11. At the second hearing on 29 September 2015 the applicant was asked by the tribunal if he had ever held a Subclass 820 visa. His evidence was that he had not.
12. Clause 801.221 requires that the applicant has held or holds a subclass 820 visa.
13. The tribunal finds that the applicant does not meet the requirements of cl.801.221 as he has never held and does not hold a Subclass 820 visa. As such, he does not meet the requirements of cl.801.221.
14. For the reasons above, the applicant does not satisfy the criteria for the grant of the visa.
DECISION
15. The Tribunal affirms the decision not to grant the applicant a Partner (Residence) (Class BS) visa.
Grounds of Judicial Review Application
The grounds set out in the Judicial Review Application are as follows:
1. I lodged a Partner (Temporary) (Class UK) subclass 820 (Spouse) through an agent on 18 March 2013 which was refused on 10 July 2013.
2. I appealed the decision which was not accepted.
3. On 16 January 2015 I received by email another RE: Notification of refusal of application for a Partner (Residence) (Class BS) (Subclass 801) visa.
4. I had never applied for this visa as this visa is only processed after Partner (Temporary) (Class UK) subclass 820 (Spouse) is granted.
5. I appealed the decision on 13 February 2015
6. For my appeal my wife (sponsor) and I was invited to a hearing on by 1 September 2015. The Member acknowledged that my wife and I are in genuine relationship and was considering to remit the application to the department for visa grant but was unable to do so as the refusal given by department was for Partner (Residence) (Class BS) (Subclass 801) visa and that cannot be granted without holding Partner (Temporary) (Class UK) subclass 820 (Spouse).

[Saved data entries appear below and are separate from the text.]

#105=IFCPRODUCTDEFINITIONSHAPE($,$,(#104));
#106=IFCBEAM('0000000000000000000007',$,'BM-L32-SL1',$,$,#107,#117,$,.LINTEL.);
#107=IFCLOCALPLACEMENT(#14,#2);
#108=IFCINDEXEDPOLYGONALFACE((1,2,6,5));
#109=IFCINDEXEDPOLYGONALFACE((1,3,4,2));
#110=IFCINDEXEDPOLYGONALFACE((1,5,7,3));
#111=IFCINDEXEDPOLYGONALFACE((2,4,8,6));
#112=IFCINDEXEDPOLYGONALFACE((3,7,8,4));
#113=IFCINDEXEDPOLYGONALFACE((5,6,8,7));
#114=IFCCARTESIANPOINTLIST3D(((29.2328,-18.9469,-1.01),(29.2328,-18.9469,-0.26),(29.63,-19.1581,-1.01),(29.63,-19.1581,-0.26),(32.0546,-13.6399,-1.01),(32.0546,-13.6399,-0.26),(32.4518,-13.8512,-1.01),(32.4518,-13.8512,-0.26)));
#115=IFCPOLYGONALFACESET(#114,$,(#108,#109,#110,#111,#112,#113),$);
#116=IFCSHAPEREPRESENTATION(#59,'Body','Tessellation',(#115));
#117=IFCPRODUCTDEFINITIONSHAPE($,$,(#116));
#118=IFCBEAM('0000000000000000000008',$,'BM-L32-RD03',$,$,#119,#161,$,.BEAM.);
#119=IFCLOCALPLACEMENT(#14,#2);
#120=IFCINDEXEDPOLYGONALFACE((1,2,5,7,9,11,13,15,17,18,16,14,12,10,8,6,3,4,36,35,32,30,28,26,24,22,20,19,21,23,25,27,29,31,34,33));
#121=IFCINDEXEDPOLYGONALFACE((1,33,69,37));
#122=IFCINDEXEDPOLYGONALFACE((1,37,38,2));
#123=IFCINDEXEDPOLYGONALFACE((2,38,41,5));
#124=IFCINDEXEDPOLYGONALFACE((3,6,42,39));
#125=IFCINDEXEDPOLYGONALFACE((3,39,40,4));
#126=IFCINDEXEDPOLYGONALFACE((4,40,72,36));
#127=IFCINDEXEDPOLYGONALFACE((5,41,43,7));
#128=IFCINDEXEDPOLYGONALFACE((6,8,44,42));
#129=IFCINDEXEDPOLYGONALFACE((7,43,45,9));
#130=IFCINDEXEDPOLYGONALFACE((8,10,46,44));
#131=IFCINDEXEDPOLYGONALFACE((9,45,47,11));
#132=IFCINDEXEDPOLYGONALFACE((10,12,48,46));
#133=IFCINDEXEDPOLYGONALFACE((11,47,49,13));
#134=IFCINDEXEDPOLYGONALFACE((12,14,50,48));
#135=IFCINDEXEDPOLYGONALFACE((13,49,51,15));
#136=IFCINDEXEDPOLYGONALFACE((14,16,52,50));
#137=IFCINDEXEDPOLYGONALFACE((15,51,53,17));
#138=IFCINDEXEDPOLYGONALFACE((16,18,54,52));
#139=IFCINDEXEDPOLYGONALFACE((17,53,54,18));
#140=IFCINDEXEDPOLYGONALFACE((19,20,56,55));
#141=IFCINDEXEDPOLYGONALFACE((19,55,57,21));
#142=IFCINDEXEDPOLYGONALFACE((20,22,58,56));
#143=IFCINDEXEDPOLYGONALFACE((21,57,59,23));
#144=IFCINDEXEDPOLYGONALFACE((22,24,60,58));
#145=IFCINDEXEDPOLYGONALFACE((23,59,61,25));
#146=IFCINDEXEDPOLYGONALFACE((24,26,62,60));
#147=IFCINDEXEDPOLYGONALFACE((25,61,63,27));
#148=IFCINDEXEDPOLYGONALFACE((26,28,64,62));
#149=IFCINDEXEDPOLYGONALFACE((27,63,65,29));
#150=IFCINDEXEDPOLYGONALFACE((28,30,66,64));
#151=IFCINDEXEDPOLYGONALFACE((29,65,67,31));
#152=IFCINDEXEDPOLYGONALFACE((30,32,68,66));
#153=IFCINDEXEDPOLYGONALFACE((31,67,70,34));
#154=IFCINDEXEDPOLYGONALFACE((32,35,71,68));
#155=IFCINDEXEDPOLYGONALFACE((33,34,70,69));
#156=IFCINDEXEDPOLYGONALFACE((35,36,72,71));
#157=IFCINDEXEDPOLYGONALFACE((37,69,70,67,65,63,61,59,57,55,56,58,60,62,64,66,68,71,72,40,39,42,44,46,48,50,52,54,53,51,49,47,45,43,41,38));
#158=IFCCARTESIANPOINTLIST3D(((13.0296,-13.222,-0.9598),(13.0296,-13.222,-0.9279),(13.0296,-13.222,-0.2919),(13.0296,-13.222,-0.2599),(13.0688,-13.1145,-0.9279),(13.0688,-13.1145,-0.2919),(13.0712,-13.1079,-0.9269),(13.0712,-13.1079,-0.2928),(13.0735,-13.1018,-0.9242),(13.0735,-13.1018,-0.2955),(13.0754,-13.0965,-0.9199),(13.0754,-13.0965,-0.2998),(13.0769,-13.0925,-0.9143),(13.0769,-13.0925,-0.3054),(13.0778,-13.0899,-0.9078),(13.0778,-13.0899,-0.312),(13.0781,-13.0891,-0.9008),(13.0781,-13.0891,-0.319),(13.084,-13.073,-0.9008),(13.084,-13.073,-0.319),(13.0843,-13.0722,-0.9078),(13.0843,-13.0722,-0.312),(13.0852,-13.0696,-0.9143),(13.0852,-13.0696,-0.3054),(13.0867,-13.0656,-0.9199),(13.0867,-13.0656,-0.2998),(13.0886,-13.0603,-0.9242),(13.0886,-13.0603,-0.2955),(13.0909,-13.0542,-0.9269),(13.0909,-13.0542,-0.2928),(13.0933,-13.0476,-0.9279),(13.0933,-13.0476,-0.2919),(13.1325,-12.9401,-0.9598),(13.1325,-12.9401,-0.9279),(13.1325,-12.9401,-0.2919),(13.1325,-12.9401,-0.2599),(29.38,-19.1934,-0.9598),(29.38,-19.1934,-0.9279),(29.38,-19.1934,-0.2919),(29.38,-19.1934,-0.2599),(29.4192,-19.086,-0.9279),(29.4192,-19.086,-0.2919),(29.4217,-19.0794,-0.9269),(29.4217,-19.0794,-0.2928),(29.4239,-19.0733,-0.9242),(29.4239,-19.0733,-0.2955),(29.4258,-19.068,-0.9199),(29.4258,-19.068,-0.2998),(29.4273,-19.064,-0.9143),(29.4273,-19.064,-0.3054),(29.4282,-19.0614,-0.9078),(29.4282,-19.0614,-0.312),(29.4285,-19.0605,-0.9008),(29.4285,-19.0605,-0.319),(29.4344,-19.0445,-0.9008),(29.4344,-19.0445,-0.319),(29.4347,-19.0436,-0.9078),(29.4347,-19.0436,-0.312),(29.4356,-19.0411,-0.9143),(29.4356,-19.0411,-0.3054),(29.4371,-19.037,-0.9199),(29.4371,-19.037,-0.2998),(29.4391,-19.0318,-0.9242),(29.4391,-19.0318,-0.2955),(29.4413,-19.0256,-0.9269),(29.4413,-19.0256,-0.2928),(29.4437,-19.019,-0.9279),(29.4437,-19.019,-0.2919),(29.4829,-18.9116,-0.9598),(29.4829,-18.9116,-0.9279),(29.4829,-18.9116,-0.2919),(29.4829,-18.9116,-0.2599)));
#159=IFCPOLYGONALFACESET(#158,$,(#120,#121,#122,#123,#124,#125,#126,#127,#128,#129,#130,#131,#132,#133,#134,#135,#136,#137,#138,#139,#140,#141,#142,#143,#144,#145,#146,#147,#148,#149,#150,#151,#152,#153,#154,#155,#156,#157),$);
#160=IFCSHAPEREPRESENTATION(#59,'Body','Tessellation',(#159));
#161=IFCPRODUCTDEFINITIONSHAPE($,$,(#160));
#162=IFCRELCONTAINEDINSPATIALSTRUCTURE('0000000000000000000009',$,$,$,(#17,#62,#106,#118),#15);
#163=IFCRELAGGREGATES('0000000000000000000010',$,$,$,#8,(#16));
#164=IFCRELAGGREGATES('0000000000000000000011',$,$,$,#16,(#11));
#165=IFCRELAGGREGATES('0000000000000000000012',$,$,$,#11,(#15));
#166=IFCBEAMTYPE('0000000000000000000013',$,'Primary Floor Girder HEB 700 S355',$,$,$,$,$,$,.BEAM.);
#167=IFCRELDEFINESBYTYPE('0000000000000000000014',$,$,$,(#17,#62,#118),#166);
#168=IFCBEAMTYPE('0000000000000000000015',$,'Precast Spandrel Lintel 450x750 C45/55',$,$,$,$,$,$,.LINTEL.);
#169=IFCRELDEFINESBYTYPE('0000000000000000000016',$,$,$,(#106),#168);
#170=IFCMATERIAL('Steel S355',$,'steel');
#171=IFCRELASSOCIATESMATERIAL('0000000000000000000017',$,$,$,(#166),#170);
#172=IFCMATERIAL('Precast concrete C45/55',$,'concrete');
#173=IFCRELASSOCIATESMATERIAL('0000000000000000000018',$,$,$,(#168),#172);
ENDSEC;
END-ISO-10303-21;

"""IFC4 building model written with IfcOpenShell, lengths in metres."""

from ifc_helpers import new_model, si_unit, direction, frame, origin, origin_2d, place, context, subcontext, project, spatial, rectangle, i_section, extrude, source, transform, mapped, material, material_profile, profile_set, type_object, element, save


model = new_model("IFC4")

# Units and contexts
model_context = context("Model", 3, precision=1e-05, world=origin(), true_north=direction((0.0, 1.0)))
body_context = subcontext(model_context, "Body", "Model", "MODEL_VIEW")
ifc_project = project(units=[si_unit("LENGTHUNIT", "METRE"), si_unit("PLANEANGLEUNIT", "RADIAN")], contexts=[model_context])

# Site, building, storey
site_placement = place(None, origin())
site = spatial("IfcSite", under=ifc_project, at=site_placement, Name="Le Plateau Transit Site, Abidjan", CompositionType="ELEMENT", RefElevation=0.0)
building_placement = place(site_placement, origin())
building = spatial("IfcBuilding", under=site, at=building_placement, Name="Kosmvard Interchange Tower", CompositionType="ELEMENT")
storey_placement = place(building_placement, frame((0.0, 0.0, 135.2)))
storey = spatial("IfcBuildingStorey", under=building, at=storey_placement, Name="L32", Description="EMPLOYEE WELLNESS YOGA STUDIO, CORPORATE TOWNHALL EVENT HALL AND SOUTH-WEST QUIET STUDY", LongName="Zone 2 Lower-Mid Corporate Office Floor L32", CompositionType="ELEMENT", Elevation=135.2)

7. So my appeal was affirmed.
8. My appeal to this Honourable Court is to provide me with Natural Justice and set aside the decision of the Department of Immigration and Border Protection and set aside the decision made by Administrative Appeals Tribunal (Migration Review Tribunal). There has been a judicial error by Department of Immigration and Border Protection and AAT.
(Copied from the Judicial Review Application without amendment. The Court will assume that “judicial error” in ground 8 is intended to read “jurisdictional error”.)
Consideration
Grounds 1, 2, 3, 5, 6, and 7
Grounds 1, 2, 3, 5, 6 and 7 do not allege jurisdictional error and they simply set out the background to the Judicial Review Application.

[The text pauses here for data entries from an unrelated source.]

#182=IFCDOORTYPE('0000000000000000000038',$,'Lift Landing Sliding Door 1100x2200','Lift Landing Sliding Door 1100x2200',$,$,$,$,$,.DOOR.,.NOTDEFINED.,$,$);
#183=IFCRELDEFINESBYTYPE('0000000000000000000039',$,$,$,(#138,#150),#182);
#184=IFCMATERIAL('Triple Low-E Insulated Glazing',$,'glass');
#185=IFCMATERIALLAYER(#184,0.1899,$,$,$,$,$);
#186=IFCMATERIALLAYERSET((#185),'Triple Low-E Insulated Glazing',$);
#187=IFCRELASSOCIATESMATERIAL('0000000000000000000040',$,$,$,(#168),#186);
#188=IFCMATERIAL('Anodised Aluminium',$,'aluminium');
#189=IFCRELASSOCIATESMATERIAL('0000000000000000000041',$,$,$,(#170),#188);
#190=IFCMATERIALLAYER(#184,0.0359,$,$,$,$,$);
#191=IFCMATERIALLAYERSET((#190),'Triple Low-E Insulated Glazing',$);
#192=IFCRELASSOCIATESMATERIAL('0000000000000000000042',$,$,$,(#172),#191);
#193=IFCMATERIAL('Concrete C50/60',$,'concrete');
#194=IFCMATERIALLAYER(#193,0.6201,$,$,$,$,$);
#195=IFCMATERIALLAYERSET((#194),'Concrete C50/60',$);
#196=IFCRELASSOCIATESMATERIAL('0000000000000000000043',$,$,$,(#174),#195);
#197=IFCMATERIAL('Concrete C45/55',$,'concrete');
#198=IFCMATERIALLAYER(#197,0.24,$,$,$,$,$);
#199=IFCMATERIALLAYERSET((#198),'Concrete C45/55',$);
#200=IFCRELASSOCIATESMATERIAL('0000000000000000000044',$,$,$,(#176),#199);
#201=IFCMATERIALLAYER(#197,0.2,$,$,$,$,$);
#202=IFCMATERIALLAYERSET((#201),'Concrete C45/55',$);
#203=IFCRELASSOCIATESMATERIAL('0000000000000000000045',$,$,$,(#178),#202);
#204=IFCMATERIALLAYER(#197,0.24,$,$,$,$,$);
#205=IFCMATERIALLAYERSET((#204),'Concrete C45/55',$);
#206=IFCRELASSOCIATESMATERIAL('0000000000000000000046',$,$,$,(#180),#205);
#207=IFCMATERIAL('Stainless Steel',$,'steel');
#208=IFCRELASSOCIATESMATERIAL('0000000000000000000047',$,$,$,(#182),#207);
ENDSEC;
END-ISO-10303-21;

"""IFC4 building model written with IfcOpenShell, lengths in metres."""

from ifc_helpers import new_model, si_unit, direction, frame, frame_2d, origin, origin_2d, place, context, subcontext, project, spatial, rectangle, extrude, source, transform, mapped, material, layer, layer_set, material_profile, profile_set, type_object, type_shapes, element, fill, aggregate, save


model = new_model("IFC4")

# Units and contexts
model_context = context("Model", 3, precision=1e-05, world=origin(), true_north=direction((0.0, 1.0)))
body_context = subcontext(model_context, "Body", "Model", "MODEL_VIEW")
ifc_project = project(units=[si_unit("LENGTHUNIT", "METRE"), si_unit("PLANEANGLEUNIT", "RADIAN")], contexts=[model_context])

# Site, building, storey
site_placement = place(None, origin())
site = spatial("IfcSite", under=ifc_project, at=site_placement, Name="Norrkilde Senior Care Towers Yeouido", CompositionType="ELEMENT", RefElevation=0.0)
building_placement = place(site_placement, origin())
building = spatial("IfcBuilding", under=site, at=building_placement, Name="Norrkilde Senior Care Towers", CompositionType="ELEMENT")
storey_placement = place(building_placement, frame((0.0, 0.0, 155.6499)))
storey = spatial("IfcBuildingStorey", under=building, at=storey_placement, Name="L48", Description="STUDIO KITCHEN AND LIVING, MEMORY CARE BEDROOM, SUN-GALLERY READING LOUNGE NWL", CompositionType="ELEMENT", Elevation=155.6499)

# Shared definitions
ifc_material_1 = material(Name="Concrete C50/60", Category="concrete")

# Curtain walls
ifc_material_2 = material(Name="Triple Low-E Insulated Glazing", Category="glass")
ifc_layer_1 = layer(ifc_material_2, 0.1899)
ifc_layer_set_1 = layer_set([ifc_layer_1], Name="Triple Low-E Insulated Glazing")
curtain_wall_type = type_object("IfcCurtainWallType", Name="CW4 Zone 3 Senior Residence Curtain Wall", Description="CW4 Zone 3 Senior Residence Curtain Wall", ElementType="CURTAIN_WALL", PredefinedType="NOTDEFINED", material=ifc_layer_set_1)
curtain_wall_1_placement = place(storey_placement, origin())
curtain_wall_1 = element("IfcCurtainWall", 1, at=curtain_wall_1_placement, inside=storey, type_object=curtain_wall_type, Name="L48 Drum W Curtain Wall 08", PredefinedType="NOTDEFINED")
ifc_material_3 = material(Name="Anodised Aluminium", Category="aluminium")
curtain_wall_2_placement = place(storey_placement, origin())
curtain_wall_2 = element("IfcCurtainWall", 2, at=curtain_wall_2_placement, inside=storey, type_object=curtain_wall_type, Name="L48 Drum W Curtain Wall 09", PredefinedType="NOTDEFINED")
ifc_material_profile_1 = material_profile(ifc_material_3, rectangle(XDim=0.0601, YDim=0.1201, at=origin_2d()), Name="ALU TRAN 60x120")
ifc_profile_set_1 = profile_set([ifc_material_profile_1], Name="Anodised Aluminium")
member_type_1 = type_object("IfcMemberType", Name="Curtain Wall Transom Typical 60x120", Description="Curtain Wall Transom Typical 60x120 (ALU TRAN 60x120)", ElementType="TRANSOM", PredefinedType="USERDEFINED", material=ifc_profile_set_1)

No jurisdictional error is therefore established by grounds 1, 2, 3, 5, 6, and 7.
Ground 4
The applicant's contention that he did not apply for a Partner Residence Visa is wrong. Question two of the visa application form shows that the applicant selected that the application was for both a Temporary Partner Visa and a Partner Residence Visa: CB 1. The applicant signed the declaration and consent with respect to that application: CB 23. The fact that the applicant now says he did not realise he was applying for both subclasses, or that there was a mistake in the form sent to the applicant (an assertion unproven in any event), cannot demonstrate any error, let alone jurisdictional error, by the Tribunal.
No jurisdictional error is therefore established by ground 4.
Ground 8
To the extent that ground 8 seeks to review the Delegate's Decision it must be dismissed because the Court has no jurisdiction to review the Delegate’s Decision: Migration Act 1958, s.476(2) and (4). Further, if the Tribunal Decision is not flawed, it will cure any defects and irregularities in the Delegate's Decision: Pavuluri v Minister for Immigration & Border Protection [2014] FCA 502; (2014) 221 FCR 74; (2014) 142 ALD 256 at [76] per Mortimer J; Zubair v Minister for Immigration & Multicultural & Indigenous Affairs [2004] FCAFC 248; (2004) 139 FCR 344; (2004) 211 ALR 261; (2004) 80 ALD 534 at [32] per Finn, Mansfield and Gyles JJ.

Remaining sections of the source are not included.